VINCENZO SARDELLI | Va a carte quarantotto chi osasse cercare una logica, un filo conduttore negli spettacoli di Antonio Rezza, virtuoso del non senso, anatema del criterio, beffa mordace delle aristoteliche unità di spazio, tempo, azione. Più che un uomo un mistero, che con la sua vocetta stramba rovescia sul pubblico battute a gogò.
L’antropomorfo spettacolo “Pitecus”, che abbiamo visto al Teatro Binario 7 di Monza, è una performance scanzonata e dissacrante.
Con la sua comicità più letale del polonio, con il suo idioma adulterato, lo stralunato artista novarese trapiantato a Nettuno lambisce tutti i caratteri dell’individualismo umano: le sue miserie e le sue viltà; i suoi decori e le sue ambizioni; i suoi (rari) momenti poetici; i suoi (tanti) tratti patetici.
Un po’ arte povera un po’ commedia dell’arte, un po’ improvvisazione un po’ clownesca narrazione da cantastorie di piazza, Rezza si presenta sulla scena come una specie di folle incrocio tra un Quasimodo (nel senso del gobbo di Notre-Dame) che l’ha scampata bella e il redivivo strabismo divergente di Martin Alan Fieldman, lo stravagante servo Igor di “Frankestein Junior”.
A dare consistenza ai suoi variegati personaggi la scenografia semplice di tende multicolori e tagli dove Rezza infila la testa, una mano, una gamba.

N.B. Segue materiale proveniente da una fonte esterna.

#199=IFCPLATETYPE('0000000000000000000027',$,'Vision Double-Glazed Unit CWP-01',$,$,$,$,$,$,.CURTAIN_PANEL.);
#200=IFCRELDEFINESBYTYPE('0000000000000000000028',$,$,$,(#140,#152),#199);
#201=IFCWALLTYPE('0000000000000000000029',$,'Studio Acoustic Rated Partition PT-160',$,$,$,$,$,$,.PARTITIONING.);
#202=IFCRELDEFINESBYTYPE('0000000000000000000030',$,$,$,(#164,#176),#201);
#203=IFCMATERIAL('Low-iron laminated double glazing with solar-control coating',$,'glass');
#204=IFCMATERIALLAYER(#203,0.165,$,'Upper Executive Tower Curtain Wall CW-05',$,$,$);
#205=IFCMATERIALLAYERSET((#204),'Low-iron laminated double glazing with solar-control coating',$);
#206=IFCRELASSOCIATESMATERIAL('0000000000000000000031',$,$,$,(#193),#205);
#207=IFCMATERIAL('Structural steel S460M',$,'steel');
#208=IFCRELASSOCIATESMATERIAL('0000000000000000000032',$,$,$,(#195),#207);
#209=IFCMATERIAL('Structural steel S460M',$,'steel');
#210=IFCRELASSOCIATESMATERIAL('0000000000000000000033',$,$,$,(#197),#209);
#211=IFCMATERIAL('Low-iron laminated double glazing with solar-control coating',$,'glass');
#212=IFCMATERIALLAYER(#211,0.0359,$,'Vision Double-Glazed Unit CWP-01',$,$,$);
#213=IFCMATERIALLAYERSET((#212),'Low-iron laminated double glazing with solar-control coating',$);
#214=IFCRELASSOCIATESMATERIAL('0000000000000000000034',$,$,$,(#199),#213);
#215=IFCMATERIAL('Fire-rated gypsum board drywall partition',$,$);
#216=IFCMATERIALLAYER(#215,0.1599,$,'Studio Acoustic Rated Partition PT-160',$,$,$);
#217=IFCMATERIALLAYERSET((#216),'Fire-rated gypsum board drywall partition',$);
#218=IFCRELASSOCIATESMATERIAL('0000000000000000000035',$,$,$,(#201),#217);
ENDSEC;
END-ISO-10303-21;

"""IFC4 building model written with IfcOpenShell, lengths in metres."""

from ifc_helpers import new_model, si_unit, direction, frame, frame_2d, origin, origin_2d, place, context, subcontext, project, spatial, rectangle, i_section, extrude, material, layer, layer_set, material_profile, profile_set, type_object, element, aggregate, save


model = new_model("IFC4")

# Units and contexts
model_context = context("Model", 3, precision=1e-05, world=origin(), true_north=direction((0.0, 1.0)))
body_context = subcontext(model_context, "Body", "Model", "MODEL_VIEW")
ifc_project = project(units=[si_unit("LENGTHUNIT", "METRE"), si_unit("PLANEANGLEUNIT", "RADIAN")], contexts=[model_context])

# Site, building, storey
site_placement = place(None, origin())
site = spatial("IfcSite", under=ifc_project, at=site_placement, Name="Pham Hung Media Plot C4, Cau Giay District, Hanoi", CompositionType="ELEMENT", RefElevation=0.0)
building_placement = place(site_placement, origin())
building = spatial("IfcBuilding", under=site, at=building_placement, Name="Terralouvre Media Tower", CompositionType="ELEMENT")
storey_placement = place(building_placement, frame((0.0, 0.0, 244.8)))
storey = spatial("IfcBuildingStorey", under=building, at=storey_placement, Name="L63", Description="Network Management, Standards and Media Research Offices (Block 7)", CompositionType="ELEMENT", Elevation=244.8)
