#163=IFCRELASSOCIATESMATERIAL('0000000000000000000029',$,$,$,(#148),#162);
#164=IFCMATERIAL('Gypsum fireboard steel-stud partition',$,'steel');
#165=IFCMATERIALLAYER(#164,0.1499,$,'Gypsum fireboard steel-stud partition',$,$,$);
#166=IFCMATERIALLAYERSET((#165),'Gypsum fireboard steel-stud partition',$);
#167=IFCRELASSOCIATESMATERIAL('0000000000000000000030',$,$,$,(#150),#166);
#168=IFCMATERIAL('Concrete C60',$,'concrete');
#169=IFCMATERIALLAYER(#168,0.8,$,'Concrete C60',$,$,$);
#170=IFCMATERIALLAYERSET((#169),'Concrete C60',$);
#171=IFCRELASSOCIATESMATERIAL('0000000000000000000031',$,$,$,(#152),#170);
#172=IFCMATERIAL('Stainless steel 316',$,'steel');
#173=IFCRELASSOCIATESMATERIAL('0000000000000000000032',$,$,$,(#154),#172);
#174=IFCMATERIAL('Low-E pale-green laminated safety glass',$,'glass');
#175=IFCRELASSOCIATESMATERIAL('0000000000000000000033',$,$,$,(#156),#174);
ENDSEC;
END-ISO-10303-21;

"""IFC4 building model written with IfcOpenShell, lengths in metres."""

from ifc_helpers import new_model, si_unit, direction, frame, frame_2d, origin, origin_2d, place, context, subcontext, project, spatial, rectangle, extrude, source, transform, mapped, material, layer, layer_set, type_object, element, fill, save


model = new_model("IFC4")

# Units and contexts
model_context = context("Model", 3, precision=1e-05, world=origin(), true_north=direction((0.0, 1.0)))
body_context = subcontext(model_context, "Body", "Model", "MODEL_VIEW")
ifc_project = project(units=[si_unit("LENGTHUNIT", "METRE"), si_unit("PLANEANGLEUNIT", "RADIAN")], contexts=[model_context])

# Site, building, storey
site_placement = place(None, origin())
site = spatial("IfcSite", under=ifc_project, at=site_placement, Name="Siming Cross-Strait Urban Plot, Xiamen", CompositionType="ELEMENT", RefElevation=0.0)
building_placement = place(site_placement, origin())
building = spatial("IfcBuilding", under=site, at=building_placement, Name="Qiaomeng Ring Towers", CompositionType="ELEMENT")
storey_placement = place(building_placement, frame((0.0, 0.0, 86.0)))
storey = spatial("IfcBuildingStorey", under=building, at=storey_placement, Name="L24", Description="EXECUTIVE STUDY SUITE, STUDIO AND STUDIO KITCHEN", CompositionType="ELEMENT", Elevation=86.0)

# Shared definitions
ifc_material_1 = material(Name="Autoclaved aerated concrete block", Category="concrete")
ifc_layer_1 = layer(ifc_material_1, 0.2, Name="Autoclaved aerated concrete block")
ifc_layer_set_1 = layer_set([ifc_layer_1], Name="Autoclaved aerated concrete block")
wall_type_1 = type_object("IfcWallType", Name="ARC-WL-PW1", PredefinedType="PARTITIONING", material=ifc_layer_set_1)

Mimo e comicità si intersecano in questa bizzarra tecnica di quadri, inconfondibile marchio di fabbrica di Flavia Mastrella, artista e scultrice che cura gli allestimenti e le scenografie.
Nei quadri di “Pitecus” prevale il triangolo, simbolo sincretico da cui nascono teste spigolose capaci di ragionamenti ineccepibili, maschere assurde e oniriche, fumetti capaci di cattiverie sublimi. I colori usati a tinte piatte, gialli, verdi, azzurri, rossi, riportano al mondo dell’infanzia, alle costruzioni, ai giocattoli di legno, ma al contempo danno anima alle perversioni di questa singolare umanità: laureati, sfaticati, giovani e disperati alla ricerca di un’occasione che ne accresca le tasche e la fama; moralisti che speculano sulle disgrazie altrui; vecchi in cerca di un’identità che li aiuti ad ammazzare il tempo prima che il tempo ammazzi loro; persone che tirano avanti una vita abitudinaria; individui che vendono il proprio corpo in cambio di un benessere materiale fittizio. Sono tante storie. È un mondo caotico dove si mescola un’umanità sgraziata, qualunquista, anonima, eppure sfacciatamente narcisista, dall’incedere nevrotico e dalla recitazione caricaturale.
Il pubblico ride delle proprie paure, dei propri errori, di un mondo misero e impudentemente banale.
Attore e scena sono in sinergia. Sul palcoscenico sale quasi materialmente il pubblico stesso. In questo mescolamento ingarbugliato non si capisce più chi ride di chi, se il pubblico dell’attore o l’attore dei malcapitati spettatori, coinvolti e bersagliati all’inverosimile da un’ironia tagliente che sfida ogni cinismo.
È un gioco paradossale in cui la scenografia gioca un ruolo essenziale. Non c’è storia, dunque: solo i tanti personaggi interpretati unicamente dal corpo di Rezza, dal suo volto plastico che irrompe sulla scena, riempie fessure, esprime malessere.
La luce illumina l’artista in un caleidoscopio di risate. L’armonia è rotta da questo saltimbanco festoso e fastoso, inesauribile, capace da oltre vent’anni di calcare la scena con lo stesso spettacolo. E di generare, ogni volta, nuove riflessioni e nuova ilarità.